The search for the first fish is complex because evolution is a continuous process, not a sudden event. Tracing this lineage requires examining a sparse fossil record that points to a gradual transformation from simple swimming organisms to true vertebrates. Scientists define a “true fish” as having a backbone or a cartilaginous precursor, distinguishing them from earlier, simpler ancestors. This evolutionary journey began over 500 million years ago, establishing the fundamental blueprint for the vertebrate body plan shared by all fish, amphibians, reptiles, birds, and mammals.
The Earliest Chordate Ancestors
The Cambrian Explosion (541 to 485 million years ago) saw the emergence of the first organisms belonging to the phylum Chordata. These early forms possessed the defining characteristics of our lineage, though they were not yet true vertebrates.
A creature like Pikaia, discovered in Canada’s Burgess Shale, represents one of these primitive chordates. This small, eel-like animal lived approximately 505 million years ago and possessed a notochord, a flexible, rod-like structure running along its back. This notochord provided internal structural support and was the evolutionary precursor to the vertebral column found in later vertebrates.
Pikaia also featured a dorsal nerve cord and segmented muscle blocks (myomeres) for side-to-side swimming. Fossils from China, such as Myllokunmingia and Haikouichthys, are slightly older and represent some of the earliest known craniates. These chordates possessed a distinct head region and primitive skull elements made of cartilage, establishing the foundational body architecture that led to the first true fish.
The Emergence of Jawless Fish
The first animals widely considered true fish and vertebrates belong to the Ostracoderms, a group of jawless, armored fish meaning “shell-skinned.” These creatures emerged during the late Cambrian and diversified between 500 and 419 million years ago. Ostracoderms represented a major evolutionary leap because they were the first to develop hard, bony tissues, marking the advent of the skeletal system.
Their most distinctive feature was heavy dermal armor—a shield of bony plates and scales covering the head and the front of the body. This armor, which provides the majority of their fossil record, likely protected them against large predatory arthropods, such as sea scorpions (eurypterids). The presence of this mineralized tissue, known as dermal bone, is considered a definitive feature of the first vertebrates.

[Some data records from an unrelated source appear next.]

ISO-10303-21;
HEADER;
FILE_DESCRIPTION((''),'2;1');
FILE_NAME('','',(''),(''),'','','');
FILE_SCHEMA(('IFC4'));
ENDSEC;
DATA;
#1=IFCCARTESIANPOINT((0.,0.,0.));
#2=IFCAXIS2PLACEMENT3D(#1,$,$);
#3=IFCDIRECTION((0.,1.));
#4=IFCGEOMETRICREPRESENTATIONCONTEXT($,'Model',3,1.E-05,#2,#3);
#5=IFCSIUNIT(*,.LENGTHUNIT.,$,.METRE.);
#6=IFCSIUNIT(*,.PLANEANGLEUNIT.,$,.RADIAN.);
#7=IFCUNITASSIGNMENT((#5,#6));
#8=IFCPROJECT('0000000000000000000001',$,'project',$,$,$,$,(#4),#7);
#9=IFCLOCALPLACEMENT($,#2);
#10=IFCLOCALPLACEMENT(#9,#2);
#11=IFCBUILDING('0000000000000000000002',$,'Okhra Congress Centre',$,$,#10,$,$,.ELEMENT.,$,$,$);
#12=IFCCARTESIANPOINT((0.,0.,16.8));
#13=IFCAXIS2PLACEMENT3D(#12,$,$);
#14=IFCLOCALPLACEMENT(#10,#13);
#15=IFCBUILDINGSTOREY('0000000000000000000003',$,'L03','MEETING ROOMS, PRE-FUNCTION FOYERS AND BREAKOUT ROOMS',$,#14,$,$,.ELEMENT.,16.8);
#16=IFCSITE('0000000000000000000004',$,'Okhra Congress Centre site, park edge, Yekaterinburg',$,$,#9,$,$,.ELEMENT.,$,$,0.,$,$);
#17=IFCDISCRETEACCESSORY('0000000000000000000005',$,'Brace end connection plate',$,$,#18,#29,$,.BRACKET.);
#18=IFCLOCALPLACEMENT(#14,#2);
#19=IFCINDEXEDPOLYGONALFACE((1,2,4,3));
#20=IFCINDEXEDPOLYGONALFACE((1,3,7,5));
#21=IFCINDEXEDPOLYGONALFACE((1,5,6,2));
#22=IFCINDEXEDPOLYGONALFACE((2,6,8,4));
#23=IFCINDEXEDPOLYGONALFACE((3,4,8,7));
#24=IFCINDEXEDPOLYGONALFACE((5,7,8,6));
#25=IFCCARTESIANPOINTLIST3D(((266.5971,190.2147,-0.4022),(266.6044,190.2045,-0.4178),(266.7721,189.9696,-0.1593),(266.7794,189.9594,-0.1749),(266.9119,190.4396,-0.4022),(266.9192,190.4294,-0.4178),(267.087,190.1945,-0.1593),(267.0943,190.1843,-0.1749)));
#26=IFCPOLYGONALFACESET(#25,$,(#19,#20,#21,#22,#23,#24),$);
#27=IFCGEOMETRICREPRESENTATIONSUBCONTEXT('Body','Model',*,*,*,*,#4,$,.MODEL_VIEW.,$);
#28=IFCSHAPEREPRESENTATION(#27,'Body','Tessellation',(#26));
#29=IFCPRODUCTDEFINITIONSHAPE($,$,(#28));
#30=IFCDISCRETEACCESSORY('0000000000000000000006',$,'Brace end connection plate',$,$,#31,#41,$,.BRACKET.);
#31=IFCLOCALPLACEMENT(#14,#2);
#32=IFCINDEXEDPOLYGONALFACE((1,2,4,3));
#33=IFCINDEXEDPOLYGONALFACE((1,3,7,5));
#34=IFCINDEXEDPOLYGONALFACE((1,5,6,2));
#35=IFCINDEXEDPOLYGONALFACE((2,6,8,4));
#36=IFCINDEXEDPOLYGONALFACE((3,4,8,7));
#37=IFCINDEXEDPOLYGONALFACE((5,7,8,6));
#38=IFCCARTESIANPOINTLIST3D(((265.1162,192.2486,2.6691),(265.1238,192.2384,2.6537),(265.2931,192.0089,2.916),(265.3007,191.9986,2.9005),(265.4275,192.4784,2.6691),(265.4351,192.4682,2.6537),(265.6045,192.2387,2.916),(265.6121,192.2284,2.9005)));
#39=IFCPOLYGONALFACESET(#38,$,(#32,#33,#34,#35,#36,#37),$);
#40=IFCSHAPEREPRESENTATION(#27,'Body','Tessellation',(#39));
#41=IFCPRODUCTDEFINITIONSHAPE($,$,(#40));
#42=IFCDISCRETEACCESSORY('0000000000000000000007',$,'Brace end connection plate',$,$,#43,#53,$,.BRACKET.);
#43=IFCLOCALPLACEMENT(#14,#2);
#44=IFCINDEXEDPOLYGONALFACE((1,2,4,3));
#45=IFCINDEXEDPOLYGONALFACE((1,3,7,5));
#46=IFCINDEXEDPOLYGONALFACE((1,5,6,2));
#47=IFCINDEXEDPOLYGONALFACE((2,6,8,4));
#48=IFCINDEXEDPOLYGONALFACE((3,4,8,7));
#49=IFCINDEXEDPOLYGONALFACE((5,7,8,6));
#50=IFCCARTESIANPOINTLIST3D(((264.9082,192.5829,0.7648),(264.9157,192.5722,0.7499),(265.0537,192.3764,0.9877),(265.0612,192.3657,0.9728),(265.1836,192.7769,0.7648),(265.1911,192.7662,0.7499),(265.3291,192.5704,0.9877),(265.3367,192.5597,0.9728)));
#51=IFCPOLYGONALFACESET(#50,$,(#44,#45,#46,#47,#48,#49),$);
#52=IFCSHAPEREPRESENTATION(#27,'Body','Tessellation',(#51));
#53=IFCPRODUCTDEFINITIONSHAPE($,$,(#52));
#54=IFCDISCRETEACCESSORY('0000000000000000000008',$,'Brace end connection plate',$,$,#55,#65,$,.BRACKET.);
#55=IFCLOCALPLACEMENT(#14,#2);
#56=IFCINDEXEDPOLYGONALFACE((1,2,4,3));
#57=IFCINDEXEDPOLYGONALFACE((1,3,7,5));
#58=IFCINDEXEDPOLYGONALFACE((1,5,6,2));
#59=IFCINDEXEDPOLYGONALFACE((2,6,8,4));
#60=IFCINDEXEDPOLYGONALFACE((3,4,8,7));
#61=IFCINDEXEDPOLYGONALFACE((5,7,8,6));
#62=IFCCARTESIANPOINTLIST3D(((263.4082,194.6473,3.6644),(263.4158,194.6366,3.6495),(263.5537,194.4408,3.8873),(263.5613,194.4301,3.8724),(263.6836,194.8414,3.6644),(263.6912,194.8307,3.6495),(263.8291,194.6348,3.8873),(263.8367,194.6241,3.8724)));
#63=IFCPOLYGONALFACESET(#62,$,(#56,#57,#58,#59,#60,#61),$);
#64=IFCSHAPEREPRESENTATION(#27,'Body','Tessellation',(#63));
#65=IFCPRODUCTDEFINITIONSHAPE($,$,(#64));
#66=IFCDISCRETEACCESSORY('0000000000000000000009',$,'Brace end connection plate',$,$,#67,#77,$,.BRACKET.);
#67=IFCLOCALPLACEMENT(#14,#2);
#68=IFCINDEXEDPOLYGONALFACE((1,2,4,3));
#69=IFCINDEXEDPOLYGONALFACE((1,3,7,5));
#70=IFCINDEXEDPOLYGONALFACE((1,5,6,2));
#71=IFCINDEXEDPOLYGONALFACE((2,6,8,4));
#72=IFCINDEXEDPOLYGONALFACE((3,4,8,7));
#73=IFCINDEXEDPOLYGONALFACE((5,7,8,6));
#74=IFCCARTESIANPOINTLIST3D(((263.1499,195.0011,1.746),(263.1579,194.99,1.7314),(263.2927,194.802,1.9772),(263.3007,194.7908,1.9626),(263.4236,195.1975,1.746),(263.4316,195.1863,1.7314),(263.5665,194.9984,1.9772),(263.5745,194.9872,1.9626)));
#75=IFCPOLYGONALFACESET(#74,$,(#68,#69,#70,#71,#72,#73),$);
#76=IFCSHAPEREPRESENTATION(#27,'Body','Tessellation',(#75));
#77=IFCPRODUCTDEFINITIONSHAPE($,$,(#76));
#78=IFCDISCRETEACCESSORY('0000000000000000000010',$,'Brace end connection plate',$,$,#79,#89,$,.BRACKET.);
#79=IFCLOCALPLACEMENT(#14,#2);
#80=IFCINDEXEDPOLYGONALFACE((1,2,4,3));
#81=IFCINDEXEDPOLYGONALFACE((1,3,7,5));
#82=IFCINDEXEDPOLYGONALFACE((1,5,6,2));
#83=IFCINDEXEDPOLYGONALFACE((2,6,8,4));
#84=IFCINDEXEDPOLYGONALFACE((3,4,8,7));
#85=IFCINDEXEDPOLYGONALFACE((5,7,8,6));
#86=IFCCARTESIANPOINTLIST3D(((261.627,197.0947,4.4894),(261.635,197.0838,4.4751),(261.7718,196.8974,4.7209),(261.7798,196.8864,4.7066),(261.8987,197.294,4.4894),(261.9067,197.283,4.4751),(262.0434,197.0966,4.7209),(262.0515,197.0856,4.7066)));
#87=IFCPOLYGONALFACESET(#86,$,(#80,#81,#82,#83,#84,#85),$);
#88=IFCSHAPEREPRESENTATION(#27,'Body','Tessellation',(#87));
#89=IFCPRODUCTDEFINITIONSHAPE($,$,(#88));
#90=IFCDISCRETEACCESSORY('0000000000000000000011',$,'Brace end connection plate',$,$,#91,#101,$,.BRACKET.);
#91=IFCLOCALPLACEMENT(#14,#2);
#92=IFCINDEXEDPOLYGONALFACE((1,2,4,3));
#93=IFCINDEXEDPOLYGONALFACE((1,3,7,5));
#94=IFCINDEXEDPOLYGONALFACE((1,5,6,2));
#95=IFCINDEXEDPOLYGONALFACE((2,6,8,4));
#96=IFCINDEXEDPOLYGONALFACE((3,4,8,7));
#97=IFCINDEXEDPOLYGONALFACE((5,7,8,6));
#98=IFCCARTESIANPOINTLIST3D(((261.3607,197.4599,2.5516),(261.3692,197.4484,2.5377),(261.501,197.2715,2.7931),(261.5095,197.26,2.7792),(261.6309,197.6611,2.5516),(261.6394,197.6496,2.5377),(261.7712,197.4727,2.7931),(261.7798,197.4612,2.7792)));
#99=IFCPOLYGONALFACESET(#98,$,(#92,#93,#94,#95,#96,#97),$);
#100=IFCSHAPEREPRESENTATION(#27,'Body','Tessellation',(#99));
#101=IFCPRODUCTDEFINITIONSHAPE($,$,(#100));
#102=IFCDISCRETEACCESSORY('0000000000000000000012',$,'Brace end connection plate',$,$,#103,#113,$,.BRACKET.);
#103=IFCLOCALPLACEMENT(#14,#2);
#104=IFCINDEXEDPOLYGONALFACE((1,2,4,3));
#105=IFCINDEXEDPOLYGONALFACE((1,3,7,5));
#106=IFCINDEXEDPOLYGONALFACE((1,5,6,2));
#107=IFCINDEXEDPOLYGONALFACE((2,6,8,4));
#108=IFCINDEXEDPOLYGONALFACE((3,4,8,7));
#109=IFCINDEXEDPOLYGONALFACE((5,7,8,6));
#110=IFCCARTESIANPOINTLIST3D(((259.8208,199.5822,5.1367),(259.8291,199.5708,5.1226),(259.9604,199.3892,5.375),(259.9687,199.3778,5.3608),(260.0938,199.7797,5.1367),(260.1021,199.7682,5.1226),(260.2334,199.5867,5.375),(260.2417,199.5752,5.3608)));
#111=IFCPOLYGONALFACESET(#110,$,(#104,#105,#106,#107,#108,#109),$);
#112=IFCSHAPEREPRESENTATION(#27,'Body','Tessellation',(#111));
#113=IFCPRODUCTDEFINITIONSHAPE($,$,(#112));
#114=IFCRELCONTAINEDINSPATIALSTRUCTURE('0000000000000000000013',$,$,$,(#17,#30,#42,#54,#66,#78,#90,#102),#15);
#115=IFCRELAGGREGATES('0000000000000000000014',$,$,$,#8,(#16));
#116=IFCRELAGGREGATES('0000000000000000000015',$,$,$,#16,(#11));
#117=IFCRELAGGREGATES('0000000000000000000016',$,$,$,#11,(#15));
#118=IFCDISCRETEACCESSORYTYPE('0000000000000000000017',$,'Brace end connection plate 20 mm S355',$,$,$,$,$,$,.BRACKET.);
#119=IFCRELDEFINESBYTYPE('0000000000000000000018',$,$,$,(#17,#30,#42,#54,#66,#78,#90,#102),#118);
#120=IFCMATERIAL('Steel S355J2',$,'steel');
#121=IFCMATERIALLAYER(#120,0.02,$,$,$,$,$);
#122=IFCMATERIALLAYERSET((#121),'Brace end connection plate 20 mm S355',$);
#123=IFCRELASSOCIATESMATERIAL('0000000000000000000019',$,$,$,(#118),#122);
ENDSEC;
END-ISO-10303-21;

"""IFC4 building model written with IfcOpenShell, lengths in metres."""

from ifc_helpers import new_model, si_unit, direction, frame, origin, origin_2d, place, context, subcontext, project, spatial, rectangle, extrude, material, layer, layer_set, type_object, element, save


model = new_model("IFC4")

# Units and contexts
model_context = context("Model", 3, precision=1e-05, world=origin(), true_north=direction((0.0, 1.0)))
body_context = subcontext(model_context, "Body", "Model", "MODEL_VIEW")
ifc_project = project(units=[si_unit("LENGTHUNIT", "METRE"), si_unit("PLANEANGLEUNIT", "RADIAN")], contexts=[model_context])

# Site, building, storey
site_placement = place(None, origin())
site = spatial("IfcSite", under=ifc_project, at=site_placement, Name="Okhra Congress Centre site, park edge, Yekaterinburg", CompositionType="ELEMENT", RefElevation=0.0)
building_placement = place(site_placement, origin())
building = spatial("IfcBuilding", under=site, at=building_placement, Name="Okhra Congress Centre", CompositionType="ELEMENT")
storey_placement = place(building_placement, frame((0.0, 0.0, 16.8)))
storey = spatial("IfcBuildingStorey", under=building, at=storey_placement, Name="L03", Description="MEETING ROOMS, PRE-FUNCTION FOYERS AND BREAKOUT ROOMS", CompositionType="ELEMENT", Elevation=16.8)

# Shared definitions
ifc_material_1 = material(Name="Steel S355J2", Category="steel")

# Discrete accessories
ifc_layer = layer(ifc_material_1, 0.02)
ifc_layer_set = layer_set([ifc_layer], Name="Brace end connection plate 20 mm S355")
discrete_accessory_type = type_object("IfcDiscreteAccessoryType", Name="Brace end connection plate 20 mm S355", PredefinedType="BRACKET", material=ifc_layer_set)
for number, where, z_axis, x_axis, name in (
    (1, (266.842, 190.2046, -0.2808), (0.364878, -0.510829, -0.778407), (0.813733, 0.581238, 0.0), "Brace end connection plate"),
    (2, (265.3679, 192.2334, 2.7771), (-0.378895, 0.513342, 0.770012), (-0.804574, -0.593852, 0.0), "Brace end connection plate"),
):
    element("IfcDiscreteAccessory", number, at=place(storey_placement, frame(where, z_axis=z_axis, x_axis=x_axis)), inside=storey, type_object=discrete_accessory_type, Name=name, PredefinedType="BRACKET", context=body_context, shape_type="SweptSolid", body=[
        extrude(rectangle(XDim=0.387, YDim=0.387, at=origin_2d()), origin(), (0.0, 0.0, 1.0), 0.02),
    ])
for number, where, z_axis, x_axis, name in (
    (3, (265.1187, 192.5767, 0.8762), (0.381064, -0.540866, -0.749836), (0.817482, 0.575954, 0.0), "Brace end connection plate"),
    (4, (263.6262, 194.6304, 3.761), (-0.381064, 0.540866, 0.749836), (-0.817482, -0.575954, 0.0), "Brace end connection plate"),
):
    element("IfcDiscreteAccessory", number, at=place(storey_placement, frame(where, z_axis=z_axis, x_axis=x_axis)), inside=storey, type_object=discrete_accessory_type, Name=name, PredefinedType="BRACKET", context=body_context, shape_type="SweptSolid", body=[
        extrude(rectangle(XDim=0.3369, YDim=0.3369, at=origin_2d()), origin(), (0.0, 0.0, 1.0), 0.0198),
    ])
discrete_accessory_1_placement = place(storey_placement, frame((263.3582, 194.9998, 1.8616), z_axis=(0.400037, -0.557627, -0.72734), x_axis=(0.812538, 0.582908, 0.0)))
element("IfcDiscreteAccessory", 5, at=discrete_accessory_1_placement, inside=storey, type_object=discrete_accessory_type, Name="Brace end connection plate", PredefinedType="BRACKET", context=body_context, shape_type="SweptSolid", body=[
    extrude(rectangle(XDim=0.3369, YDim=0.3369, at=origin_2d()), origin(), (0.0, 0.0, 1.0), 0.02),
])
discrete_accessory_2_placement = place(storey_placement, frame((261.8433, 197.0847, 4.5908), z_axis=(-0.406356, 0.554122, 0.726515), x_axis=(-0.806405, -0.591364, 0.0)))
element("IfcDiscreteAccessory", 6, at=discrete_accessory_2_placement, inside=storey, type_object=discrete_accessory_type, Name="Brace end connection plate", PredefinedType="BRACKET", context=body_context, shape_type="SweptSolid", body=[
    extrude(rectangle(XDim=0.3369, YDim=0.3369, at=origin_2d()), origin(), (0.0, 0.0, 1.0), 0.0198),
])
for number, where, z_axis, x_axis, name in (
    (7, (261.5659, 197.4663, 2.6724), (0.428137, -0.574926, -0.697251), (0.802043, 0.597266, 0.0), "Brace end connection plate"),
    (8, (260.0354, 199.573, 5.2417), (-0.41448, 0.572958, 0.707054), (-0.810224, -0.58612, 0.0), "Brace end connection plate"),
):
    element("IfcDiscreteAccessory", number, at=place(storey_placement, frame(where, z_axis=z_axis, x_axis=x_axis)), inside=storey, type_object=discrete_accessory_type, Name=name, PredefinedType="BRACKET", context=body_context, shape_type="SweptSolid", body=[
        extrude(rectangle(XDim=0.3369, YDim=0.3369, at=origin_2d()), origin(), (0.0, 0.0, 1.0), 0.02),
    ])

save(model, "model.ifc")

Ostracoderms, such as Pteraspis and Cephalaspis, were small, typically less than 30 centimeters in length, and their bodies were often flattened. They were jawless (Agnathans) and lacked the paired pectoral and pelvic fins that characterize most modern fish. Their mouths were small, fixed openings, and they were likely bottom-dwellers that fed by filtering small particles or sucking up soft prey from the seafloor. The lack of jaws and paired fins meant they were relatively slow swimmers with limited maneuverability, relying on their bony armor for defense.
The Evolutionary Innovation of Jaws
The transition from jawless Ostracoderms to jawed fish, or Gnathostomes, represents one of the most significant evolutionary innovations in vertebrate history. This shift occurred around the late Silurian and early Devonian periods, roughly 440 to 419 million years ago. The development of a hinged jaw fundamentally changed the ecological landscape, transforming vertebrates from passive filter feeders into active predators.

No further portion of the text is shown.